Again, these are investment assets. There are ways to invest thoughtfully. There are different ways to come up with an understandable valuation. Certainly, it is affected by the vibe. Certainly, is affected by regulation. But I think people too often just assume that that’s a simple equation when it really isn’t.
Loney: For a while, there was a conversation about whether or not we were going to see digital assets used as currency by different countries. But then you hear commentary from [Federal Reserve Chairman Jerome] Powell about, it should be more tied to gold than to traditional currencies. Are we past the point of believing that it’s something other than an investment of that type of nature?
Werbach: That’s different. That’s what are called Central Bank Digital Currencies, or CBDCs. Going back to what I said before, blockchain is the underlying technology. You can use it to issue these tokens, which are not really backed by anything, and are volatile, and essentially are investment assets, or they’re used for payments. Bitcoin — the whole idea is that it’s a store of value independent of governments, and it’s a new kind of means of payment. Or you can think about having them be stable assets. Either privately issued stablecoins or publicly issued digital currencies.
China has issued a central bank digital currency. None of these are on exactly the same kind of totally decentralized blockchain technology as assets like bitcoin and ether. But they have a similar kind of ledger technology. The European Union is fairly far along in a digital euro. The U.K. is somewhat far along. They’re still skeptical, but trying to come up with the foundations for a digital pound. The Federal Reserve has done a good deal of research on a digital dollar. But it is true, they have been fairly skeptical that we should implement this. The question is always really, what problem does it solve? So much of the currency is already digital. And what problem does it solve that these private stablecoins, which create this new decentralized platform, are not already solving in the marketplace?

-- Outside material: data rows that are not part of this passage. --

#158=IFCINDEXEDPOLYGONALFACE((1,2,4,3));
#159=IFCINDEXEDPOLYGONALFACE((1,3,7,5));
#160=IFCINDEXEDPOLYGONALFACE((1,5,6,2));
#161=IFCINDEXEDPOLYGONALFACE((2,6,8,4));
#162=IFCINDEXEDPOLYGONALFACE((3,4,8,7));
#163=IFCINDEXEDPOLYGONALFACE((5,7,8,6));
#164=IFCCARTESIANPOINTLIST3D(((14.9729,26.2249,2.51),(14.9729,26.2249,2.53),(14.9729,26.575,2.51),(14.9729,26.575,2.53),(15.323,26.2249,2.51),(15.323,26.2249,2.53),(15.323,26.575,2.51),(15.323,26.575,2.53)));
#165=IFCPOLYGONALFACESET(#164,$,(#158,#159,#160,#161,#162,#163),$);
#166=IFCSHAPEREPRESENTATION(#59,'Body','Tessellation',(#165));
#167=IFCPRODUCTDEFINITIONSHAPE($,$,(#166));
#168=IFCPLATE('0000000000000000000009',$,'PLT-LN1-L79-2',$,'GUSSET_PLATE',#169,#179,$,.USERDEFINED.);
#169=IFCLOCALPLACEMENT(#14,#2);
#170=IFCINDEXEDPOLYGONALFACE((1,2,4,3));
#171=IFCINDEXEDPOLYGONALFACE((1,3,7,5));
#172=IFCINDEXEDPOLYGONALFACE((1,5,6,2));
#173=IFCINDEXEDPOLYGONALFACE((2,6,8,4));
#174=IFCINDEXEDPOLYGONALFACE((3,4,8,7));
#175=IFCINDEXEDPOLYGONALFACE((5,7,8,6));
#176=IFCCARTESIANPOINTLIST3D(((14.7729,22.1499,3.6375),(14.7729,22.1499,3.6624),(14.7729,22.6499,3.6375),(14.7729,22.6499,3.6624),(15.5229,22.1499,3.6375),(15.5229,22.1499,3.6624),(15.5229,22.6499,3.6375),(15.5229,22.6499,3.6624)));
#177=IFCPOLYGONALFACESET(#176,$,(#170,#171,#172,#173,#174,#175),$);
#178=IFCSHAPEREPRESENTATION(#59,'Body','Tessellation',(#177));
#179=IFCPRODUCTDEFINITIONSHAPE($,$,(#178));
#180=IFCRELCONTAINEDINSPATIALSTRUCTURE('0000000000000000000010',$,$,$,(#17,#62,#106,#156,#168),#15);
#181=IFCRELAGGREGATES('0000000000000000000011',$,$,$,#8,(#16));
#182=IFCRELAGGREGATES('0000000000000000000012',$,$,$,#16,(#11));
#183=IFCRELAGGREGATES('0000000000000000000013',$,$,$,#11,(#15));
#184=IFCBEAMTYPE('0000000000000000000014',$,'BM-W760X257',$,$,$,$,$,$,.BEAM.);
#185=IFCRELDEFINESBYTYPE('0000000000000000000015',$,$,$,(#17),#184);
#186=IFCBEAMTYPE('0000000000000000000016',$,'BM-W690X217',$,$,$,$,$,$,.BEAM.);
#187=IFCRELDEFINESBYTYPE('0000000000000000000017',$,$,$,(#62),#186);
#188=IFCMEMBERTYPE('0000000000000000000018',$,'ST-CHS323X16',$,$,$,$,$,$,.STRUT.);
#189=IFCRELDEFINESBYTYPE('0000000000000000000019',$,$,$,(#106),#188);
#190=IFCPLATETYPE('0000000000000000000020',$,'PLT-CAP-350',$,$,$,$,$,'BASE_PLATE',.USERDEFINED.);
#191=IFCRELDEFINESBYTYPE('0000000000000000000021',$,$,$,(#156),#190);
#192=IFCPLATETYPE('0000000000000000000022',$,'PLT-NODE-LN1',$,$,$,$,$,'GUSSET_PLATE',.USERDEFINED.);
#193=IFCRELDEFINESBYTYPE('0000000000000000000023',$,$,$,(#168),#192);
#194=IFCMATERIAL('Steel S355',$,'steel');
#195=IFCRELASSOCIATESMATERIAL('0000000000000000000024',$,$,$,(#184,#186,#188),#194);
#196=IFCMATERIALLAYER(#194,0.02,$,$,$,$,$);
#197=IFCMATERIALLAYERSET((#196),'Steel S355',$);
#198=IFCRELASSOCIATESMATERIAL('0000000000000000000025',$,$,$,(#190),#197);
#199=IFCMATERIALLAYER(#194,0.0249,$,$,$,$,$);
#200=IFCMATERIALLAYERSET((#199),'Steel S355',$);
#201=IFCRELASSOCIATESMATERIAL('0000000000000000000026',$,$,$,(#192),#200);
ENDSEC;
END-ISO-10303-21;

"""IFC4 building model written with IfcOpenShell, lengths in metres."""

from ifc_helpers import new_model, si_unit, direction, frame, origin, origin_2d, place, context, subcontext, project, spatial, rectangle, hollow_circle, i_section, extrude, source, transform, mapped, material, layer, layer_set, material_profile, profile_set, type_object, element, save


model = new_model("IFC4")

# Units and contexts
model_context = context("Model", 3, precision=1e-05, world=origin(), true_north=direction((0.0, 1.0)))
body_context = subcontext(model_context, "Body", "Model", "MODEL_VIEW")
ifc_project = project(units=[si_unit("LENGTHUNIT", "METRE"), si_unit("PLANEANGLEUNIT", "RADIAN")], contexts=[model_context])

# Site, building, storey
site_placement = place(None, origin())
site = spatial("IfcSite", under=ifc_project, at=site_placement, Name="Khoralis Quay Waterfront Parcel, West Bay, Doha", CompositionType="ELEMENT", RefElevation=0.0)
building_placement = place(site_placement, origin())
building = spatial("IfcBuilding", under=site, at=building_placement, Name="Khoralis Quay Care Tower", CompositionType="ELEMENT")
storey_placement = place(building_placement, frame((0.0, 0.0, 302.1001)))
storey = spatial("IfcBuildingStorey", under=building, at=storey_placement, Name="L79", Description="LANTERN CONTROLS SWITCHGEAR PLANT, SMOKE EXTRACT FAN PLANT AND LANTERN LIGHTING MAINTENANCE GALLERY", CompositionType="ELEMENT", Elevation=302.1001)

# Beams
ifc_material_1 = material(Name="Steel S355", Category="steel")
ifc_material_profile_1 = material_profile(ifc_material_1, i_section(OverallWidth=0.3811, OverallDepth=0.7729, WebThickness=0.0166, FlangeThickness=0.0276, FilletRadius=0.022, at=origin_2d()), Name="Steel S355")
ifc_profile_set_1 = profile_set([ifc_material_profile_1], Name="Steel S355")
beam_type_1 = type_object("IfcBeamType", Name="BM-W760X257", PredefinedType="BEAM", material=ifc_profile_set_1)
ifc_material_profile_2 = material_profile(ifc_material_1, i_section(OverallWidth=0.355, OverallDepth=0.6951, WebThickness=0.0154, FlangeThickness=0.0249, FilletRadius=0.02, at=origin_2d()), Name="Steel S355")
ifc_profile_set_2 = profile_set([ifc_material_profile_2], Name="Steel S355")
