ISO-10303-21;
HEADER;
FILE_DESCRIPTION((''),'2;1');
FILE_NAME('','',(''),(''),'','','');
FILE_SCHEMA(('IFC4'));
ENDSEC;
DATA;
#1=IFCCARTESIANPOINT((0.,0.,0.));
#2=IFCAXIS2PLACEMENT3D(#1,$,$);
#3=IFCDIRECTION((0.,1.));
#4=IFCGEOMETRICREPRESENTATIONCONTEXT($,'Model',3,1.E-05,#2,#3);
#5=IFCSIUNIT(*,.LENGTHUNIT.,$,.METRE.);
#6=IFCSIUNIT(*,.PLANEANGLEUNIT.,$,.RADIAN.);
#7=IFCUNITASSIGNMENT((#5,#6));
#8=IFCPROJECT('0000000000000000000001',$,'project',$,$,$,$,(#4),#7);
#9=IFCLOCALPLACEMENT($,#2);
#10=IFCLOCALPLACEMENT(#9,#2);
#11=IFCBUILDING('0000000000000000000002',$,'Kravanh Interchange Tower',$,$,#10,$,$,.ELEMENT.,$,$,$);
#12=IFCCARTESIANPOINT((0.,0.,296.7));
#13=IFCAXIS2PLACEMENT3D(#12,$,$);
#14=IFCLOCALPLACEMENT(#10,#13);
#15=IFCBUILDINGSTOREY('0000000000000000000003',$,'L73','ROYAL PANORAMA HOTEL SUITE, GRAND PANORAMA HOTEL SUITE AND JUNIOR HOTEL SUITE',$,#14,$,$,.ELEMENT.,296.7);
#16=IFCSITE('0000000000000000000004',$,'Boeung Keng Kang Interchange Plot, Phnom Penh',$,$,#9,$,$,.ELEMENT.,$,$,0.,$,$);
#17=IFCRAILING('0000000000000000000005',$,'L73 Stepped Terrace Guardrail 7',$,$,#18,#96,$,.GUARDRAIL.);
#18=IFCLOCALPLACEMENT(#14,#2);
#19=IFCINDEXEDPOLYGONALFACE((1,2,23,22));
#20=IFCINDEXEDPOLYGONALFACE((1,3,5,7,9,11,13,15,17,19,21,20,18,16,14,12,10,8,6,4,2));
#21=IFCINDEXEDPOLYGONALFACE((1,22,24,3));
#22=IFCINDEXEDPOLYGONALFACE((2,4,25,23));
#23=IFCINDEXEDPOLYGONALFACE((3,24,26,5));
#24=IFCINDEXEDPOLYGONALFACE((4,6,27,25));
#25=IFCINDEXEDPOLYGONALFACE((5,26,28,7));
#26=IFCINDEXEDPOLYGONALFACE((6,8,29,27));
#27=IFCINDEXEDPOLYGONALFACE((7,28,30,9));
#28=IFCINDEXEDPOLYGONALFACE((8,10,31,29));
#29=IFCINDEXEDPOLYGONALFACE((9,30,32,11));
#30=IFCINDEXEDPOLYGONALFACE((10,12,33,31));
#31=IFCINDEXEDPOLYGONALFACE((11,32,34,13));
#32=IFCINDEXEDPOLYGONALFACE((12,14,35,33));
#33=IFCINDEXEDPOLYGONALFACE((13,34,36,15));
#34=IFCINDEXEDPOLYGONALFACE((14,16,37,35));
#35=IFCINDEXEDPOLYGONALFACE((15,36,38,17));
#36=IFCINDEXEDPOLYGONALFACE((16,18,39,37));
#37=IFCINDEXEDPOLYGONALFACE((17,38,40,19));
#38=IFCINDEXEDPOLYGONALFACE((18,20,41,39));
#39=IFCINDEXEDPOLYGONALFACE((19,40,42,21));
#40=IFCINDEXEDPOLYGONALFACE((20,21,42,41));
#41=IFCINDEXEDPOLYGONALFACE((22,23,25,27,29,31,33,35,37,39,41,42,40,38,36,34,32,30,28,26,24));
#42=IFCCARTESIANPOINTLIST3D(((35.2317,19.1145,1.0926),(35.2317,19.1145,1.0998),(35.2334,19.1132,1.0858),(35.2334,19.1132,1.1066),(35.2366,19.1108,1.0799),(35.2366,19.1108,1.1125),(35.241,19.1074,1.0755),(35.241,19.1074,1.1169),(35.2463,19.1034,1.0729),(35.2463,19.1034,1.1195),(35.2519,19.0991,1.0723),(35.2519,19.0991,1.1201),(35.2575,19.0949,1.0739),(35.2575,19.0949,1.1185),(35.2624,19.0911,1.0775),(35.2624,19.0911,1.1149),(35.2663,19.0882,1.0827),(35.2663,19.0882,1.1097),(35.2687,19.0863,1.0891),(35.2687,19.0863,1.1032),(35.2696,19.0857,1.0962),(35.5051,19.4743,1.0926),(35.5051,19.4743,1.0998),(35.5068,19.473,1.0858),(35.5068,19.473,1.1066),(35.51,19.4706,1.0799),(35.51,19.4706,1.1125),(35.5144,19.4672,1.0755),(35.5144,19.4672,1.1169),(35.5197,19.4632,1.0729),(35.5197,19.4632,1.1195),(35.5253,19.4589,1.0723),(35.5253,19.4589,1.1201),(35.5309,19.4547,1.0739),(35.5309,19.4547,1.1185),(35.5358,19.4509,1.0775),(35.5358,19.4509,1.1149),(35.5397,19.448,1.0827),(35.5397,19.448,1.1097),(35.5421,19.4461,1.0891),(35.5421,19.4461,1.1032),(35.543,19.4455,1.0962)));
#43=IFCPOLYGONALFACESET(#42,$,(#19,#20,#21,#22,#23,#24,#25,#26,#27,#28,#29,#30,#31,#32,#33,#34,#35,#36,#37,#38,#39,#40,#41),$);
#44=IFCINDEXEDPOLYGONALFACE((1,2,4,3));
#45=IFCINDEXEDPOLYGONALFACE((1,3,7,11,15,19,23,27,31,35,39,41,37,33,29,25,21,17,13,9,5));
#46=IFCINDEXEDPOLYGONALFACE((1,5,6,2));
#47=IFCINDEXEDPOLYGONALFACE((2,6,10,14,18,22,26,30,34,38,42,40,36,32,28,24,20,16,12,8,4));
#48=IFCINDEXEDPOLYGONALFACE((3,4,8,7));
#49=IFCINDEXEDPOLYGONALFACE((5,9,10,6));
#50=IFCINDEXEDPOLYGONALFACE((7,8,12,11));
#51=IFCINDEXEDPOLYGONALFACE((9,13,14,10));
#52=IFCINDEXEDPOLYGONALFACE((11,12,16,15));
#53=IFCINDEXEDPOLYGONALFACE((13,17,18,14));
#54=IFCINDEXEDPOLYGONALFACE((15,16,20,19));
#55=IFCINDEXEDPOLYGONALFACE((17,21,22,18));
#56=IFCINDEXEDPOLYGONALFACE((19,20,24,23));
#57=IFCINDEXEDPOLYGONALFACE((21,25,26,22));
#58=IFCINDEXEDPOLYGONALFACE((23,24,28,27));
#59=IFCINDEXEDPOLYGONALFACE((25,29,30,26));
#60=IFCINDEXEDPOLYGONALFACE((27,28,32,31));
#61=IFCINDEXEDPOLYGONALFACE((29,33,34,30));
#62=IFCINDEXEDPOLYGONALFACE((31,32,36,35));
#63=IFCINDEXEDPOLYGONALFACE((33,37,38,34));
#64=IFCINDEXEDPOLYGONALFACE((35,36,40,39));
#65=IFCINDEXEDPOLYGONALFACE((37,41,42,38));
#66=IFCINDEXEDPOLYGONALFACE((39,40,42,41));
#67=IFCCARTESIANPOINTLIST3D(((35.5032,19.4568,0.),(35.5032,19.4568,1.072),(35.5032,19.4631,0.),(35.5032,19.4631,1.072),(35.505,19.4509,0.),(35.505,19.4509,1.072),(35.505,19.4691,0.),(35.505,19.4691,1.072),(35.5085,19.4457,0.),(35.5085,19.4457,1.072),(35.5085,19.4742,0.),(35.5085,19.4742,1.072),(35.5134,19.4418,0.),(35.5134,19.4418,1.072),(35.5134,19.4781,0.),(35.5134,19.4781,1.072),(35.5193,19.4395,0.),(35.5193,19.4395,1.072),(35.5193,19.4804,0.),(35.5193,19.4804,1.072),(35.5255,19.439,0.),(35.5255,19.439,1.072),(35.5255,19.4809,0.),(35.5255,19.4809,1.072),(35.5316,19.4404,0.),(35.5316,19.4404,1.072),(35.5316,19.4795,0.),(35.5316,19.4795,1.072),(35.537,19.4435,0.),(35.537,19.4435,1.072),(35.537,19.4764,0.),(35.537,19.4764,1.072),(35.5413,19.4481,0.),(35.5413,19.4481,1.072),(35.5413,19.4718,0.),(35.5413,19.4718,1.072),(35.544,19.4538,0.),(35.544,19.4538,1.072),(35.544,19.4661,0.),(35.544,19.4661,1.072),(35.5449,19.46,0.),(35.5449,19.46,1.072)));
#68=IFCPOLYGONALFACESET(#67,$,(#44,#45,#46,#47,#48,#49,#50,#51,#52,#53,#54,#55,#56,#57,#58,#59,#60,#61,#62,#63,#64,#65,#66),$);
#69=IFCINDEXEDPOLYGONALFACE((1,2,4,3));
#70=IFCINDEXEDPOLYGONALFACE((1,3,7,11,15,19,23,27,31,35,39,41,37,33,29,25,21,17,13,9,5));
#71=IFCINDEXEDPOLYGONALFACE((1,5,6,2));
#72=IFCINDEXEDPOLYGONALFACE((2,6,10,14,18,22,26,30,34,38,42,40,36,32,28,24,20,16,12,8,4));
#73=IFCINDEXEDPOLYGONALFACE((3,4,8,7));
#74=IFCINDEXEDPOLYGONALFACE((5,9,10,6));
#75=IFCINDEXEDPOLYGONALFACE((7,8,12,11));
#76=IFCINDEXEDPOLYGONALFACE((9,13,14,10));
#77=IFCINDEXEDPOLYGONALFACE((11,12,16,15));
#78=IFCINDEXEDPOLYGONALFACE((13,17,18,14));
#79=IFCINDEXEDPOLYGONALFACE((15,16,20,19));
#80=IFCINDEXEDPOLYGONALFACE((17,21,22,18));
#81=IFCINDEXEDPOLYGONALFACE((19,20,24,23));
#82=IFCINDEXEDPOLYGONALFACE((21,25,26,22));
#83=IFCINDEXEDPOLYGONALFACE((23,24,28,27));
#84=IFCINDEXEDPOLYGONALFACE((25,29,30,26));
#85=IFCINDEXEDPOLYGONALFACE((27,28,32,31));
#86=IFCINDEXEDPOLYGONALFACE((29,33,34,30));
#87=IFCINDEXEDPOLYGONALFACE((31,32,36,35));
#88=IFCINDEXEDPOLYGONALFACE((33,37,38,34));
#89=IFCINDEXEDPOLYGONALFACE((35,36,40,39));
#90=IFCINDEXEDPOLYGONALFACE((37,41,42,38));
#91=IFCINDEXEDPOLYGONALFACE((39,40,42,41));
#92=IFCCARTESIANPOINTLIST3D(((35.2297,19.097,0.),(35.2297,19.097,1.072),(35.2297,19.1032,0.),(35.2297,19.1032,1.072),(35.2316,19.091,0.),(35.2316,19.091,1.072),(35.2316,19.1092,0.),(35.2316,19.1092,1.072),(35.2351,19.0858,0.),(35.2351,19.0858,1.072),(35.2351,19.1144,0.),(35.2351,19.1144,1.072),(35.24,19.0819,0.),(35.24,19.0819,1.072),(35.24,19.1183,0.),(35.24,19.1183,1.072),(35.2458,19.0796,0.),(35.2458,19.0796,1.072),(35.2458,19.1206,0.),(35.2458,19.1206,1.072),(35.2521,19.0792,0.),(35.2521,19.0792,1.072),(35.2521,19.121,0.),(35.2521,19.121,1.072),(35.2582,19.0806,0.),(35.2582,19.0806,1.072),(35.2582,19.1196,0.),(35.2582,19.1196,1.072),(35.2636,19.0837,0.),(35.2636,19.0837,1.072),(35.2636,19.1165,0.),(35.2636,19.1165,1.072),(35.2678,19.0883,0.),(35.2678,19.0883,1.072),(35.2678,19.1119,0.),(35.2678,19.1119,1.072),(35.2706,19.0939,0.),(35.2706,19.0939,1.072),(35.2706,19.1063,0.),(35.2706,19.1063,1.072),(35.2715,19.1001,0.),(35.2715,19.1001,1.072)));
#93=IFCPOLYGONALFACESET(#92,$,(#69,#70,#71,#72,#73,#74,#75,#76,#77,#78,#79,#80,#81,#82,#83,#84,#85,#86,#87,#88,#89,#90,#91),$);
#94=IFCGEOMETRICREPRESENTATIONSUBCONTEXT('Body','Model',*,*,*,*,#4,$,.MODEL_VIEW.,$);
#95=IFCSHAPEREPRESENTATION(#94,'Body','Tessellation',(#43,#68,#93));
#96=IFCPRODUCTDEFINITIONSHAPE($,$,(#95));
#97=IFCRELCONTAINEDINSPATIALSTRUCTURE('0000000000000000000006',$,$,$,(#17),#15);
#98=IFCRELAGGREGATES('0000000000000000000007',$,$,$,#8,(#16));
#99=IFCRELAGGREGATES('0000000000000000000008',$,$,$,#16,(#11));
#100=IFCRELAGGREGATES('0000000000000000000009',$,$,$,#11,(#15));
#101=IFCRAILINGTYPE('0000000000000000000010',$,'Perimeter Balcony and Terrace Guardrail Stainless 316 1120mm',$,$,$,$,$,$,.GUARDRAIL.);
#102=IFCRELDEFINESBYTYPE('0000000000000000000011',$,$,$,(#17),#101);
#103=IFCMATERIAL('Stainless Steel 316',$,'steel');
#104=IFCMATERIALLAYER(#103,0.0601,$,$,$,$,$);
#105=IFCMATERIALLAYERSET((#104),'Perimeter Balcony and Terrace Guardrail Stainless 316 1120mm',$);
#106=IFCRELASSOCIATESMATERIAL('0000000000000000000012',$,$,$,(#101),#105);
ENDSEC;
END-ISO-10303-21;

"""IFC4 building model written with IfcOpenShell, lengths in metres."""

from ifc_helpers import new_model, si_unit, direction, frame, origin, origin_2d, place, context, subcontext, project, spatial, circle, extrude, material, layer, layer_set, type_object, element, save


model = new_model("IFC4")

# Units and contexts
model_context = context("Model", 3, precision=1e-05, world=origin(), true_north=direction((0.0, 1.0)))
body_context = subcontext(model_context, "Body", "Model", "MODEL_VIEW")
ifc_project = project(units=[si_unit("LENGTHUNIT", "METRE"), si_unit("PLANEANGLEUNIT", "RADIAN")], contexts=[model_context])

# Site, building, storey
site_placement = place(None, origin())
site = spatial("IfcSite", under=ifc_project, at=site_placement, Name="Boeung Keng Kang Interchange Plot, Phnom Penh", CompositionType="ELEMENT", RefElevation=0.0)
building_placement = place(site_placement, origin())
building = spatial("IfcBuilding", under=site, at=building_placement, Name="Kravanh Interchange Tower", CompositionType="ELEMENT")
storey_placement = place(building_placement, frame((0.0, 0.0, 296.7)))
storey = spatial("IfcBuildingStorey", under=building, at=storey_placement, Name="L73", Description="ROYAL PANORAMA HOTEL SUITE, GRAND PANORAMA HOTEL SUITE AND JUNIOR HOTEL SUITE", CompositionType="ELEMENT", Elevation=296.7)

# Railing
ifc_material_1 = material(Name="Stainless Steel 316", Category="steel")
ifc_layer_1 = layer(ifc_material_1, 0.0601)
ifc_layer_set_1 = layer_set([ifc_layer_1], Name="Perimeter Balcony and Terrace Guardrail Stainless 316 1120mm")
railing_type = type_object("IfcRailingType", Name="Perimeter Balcony and Terrace Guardrail Stainless 316 1120mm", PredefinedType="GUARDRAIL", material=ifc_layer_set_1)
railing_1_placement = place(storey_placement, frame((35.5239, 19.46, 0.0)))
element("IfcRailing", 1, at=railing_1_placement, inside=storey, type_object=railing_type, Name="L73 Stepped Terrace Guardrail 7", PredefinedType="GUARDRAIL", context=body_context, shape_type="SweptSolid", body=[
    extrude(circle(Radius=0.0239, at=origin_2d()), frame((0.0, 0.0, 1.0962), z_axis=(-0.605001, -0.796225, 0.0), x_axis=(0.796225, -0.605001, 0.0)), (0.0, 0.0, 1.0), 0.4519),
    extrude(circle(Radius=0.021, at=origin_2d()), origin(), (0.0, 0.0, 1.0), 1.072),
    extrude(circle(Radius=0.021, at=origin_2d()), frame((-0.2734, -0.3599, 0.0)), (0.0, 0.0, 1.0), 1.072),
])

save(model, "model.ifc")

What Is the Future of Blockchain?
Loney: Where do you think we head with blockchain technology so that it becomes something greater than what it is now?
Werbach: One thing is that the technology is maturing. For a while, there were serious issues about scalability. There’s been a lot of progress on that. There’s been a lot of progress on privacy and other aspects. There is also development in that marketplace, once you get beyond bitcoin, which is kind of a unique thing. There are questions about different platforms. Ethereum, for the longest time, has been the second most valuable and the most prominent digital asset for these other kinds of uses of blockchain. There are other platforms, like Solana, that have certain advantages that seem to be maybe catching up.
There are all of these questions about maturation. But I think, ultimately, we do need a good, clear regulatory environment so that we can put that to the side, and we can address these appropriate concerns. The concerns about investors, the concerns about fraud and crime and sanction violations. Very real issues that need to be addressed. It’s not just a matter of deregulating. It’s a matter of regulating and having a clear framework, which will almost certainly take legislation to address these issues. We need that first.
And then we just need time. Because again, just to take one of these for use for payments in the financial system is re-architecting the pipes of global finance. There are trillions and trillions of dollars at stake here. This is not something that’s going to happen overnight. I believe it’s going to happen. It’s just fundamentally a better technology than the accumulation of things that we have now underlying the financial system. But that’s a period of many years to really realize that potential.